= Ahmad al-Qushashi =

Safi al-Din Ahmad ibn Muhammad al-Dajani al-Qushashi (صفي الدين أحمد بن محمد الدَّجاني القُشاشي ,1583-1661) was a prominent Sufi master (murshid) of the Shattariyya order, who was born in Medina in 991 Hijri, or 1583 CE. His family descended from Tamim al-Dari, one of the companions of the Islamic prophet Muhammad.

In 1602, his father took him to study from Yemeni scholars. After returning to Medina, he studied the Shattariyya order from Ahmad al-Shinnawi, who later also became his father-in-law. After Al-Shinnawi died, Al-Qushashi became his successor in teaching the Shattariyya order in Madina.

Al-Qushashi taught the order in a more Sharia-oriented nature and rejected the wahdat al-wujud teaching. This was a change from the previously more syncretic nature of the order. Thus, the dissemination of the Shattariya order by Al-Qushashi students also brought a more orthodox Sufism as their teacher.
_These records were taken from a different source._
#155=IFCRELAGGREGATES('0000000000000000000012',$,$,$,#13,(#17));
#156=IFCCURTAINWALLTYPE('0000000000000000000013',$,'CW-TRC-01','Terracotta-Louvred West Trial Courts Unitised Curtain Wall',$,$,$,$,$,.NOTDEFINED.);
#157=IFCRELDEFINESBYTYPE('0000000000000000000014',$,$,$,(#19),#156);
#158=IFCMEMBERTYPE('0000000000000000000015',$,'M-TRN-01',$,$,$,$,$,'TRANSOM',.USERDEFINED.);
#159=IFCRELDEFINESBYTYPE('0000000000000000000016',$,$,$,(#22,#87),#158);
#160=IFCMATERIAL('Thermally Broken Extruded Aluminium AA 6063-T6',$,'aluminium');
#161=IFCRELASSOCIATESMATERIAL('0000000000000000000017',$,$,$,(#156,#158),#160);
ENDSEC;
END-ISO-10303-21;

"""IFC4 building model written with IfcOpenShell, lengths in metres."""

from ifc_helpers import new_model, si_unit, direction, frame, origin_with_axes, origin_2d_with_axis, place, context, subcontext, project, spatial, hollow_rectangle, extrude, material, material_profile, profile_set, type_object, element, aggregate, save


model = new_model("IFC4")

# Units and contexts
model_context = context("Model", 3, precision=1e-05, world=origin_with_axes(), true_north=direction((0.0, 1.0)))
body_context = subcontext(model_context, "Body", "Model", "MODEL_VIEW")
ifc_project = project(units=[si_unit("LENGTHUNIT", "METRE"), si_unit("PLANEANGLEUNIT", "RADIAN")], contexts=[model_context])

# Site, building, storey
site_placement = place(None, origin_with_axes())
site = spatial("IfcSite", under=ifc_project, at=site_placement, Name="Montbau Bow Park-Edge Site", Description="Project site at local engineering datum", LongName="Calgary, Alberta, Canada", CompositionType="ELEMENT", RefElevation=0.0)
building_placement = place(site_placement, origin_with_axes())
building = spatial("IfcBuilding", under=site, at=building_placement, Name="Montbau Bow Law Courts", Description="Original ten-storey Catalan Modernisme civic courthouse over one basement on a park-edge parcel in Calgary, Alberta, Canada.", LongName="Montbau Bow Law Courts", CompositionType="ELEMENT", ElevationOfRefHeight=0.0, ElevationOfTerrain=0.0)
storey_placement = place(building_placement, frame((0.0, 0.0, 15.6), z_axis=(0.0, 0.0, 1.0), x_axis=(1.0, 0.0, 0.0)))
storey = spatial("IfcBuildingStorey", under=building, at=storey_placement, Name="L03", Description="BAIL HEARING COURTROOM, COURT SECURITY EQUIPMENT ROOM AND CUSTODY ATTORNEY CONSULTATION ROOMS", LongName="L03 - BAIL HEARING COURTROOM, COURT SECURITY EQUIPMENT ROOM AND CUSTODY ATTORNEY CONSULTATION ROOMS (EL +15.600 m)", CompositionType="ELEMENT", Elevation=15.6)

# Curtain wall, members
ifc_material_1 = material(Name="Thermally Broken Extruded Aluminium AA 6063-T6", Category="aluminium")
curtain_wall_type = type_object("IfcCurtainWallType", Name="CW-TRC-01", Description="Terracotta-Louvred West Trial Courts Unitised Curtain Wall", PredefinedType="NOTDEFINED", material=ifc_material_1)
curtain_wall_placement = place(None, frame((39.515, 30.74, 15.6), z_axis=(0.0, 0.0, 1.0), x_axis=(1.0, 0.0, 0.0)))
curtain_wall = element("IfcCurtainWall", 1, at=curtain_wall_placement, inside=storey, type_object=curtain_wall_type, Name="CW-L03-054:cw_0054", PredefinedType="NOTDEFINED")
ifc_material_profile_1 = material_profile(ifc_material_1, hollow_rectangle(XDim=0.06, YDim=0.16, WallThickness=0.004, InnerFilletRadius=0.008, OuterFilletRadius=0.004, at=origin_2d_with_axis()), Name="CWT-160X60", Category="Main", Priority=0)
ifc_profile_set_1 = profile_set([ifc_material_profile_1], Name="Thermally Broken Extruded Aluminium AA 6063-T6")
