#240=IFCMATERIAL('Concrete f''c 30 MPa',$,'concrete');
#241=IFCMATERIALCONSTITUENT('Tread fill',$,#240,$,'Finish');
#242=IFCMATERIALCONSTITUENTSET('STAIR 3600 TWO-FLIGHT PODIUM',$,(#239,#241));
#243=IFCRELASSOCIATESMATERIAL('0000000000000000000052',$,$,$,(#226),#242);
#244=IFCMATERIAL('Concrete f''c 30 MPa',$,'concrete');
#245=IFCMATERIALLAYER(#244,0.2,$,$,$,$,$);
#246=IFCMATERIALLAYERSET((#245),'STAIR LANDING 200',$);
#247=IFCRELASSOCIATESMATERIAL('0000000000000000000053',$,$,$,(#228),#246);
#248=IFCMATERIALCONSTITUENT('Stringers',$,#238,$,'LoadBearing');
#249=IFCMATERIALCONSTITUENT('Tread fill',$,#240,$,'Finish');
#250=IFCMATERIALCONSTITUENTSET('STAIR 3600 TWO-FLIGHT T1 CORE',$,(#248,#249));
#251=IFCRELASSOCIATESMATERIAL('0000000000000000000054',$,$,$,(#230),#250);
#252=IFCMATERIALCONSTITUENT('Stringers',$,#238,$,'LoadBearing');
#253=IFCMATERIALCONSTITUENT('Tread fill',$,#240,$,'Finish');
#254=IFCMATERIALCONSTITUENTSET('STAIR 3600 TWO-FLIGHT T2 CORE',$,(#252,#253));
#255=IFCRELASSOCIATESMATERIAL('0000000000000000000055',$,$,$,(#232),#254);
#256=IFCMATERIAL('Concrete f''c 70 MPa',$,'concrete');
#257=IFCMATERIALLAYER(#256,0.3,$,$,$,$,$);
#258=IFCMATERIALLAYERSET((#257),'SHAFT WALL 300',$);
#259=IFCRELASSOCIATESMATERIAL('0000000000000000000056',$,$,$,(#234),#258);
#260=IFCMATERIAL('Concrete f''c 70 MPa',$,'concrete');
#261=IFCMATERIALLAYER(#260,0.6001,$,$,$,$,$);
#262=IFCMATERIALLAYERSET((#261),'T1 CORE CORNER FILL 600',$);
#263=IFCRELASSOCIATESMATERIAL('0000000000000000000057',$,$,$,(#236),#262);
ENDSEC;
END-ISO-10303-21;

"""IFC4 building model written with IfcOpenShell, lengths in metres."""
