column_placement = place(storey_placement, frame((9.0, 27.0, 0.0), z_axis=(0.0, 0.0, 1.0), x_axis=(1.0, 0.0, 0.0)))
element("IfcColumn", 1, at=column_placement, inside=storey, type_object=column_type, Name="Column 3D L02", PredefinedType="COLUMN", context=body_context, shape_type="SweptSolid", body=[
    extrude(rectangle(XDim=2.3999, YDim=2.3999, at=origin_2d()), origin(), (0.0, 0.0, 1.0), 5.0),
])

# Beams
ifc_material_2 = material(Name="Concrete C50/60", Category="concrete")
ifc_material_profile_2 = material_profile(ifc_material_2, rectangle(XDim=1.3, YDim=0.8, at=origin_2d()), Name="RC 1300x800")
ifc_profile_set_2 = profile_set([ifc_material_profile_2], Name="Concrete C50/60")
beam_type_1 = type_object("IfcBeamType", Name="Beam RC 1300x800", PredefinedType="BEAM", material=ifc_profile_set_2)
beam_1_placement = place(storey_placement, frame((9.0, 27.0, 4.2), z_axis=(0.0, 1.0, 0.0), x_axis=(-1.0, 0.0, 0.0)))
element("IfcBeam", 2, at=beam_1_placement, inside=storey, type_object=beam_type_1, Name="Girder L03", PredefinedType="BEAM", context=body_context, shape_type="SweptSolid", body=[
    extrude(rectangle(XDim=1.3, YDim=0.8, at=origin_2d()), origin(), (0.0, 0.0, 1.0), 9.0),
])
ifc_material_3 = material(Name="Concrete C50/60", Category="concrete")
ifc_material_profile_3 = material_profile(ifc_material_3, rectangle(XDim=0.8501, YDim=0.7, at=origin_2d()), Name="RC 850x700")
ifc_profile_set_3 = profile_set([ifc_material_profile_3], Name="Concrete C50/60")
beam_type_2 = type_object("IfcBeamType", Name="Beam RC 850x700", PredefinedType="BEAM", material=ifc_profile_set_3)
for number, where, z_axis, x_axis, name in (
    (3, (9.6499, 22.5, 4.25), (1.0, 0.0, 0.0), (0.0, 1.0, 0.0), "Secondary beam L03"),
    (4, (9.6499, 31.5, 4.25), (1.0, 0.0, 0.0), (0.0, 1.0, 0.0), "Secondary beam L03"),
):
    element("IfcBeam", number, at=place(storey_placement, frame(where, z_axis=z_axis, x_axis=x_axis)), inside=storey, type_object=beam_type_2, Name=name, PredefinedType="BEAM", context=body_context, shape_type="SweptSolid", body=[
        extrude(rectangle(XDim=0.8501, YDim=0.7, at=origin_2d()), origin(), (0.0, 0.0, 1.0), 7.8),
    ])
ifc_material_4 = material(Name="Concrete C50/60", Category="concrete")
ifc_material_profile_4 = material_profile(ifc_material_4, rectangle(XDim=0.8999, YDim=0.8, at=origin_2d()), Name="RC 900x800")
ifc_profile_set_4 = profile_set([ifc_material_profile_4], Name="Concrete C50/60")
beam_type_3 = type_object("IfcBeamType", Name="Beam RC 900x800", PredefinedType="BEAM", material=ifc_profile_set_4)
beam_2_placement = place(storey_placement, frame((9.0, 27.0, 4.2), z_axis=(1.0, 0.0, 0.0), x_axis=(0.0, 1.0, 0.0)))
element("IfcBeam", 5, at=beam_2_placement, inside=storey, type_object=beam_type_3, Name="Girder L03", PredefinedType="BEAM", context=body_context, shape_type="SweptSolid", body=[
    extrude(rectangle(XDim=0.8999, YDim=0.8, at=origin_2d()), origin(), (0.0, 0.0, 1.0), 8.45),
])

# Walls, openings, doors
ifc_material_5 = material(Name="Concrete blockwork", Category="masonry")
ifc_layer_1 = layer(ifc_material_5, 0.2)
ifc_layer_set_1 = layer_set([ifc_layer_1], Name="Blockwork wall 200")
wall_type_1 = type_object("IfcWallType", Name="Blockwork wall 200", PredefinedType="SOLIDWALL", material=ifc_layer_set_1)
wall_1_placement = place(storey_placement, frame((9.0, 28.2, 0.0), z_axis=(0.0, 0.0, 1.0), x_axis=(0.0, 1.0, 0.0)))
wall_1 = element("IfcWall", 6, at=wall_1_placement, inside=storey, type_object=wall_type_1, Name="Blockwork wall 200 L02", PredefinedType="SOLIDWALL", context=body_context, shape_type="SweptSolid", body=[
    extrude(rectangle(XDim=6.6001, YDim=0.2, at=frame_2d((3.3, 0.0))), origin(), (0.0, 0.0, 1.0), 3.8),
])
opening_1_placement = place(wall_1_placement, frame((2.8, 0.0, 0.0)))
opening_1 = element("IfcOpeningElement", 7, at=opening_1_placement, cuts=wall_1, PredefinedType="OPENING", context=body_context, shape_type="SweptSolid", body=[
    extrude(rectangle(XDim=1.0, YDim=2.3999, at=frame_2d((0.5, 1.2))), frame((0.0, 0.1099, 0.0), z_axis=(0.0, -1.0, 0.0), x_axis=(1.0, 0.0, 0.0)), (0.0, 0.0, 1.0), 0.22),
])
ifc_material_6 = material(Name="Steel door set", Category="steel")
Some of Al-Qushashi's well-known students from Southeast Asia including Abd al-Rauf al-Sinkili (Aceh), Abd al-Muhyi of Pamijahan (West Java), Yusuf al-Makassari (South Sulawesi), and Abd al-Malik ibn Abdullah (Trengganu).

After he died, the student who became his successor was Ibrahim al-Kurani, who maintained close relationships with the order's students from Southeast Asia.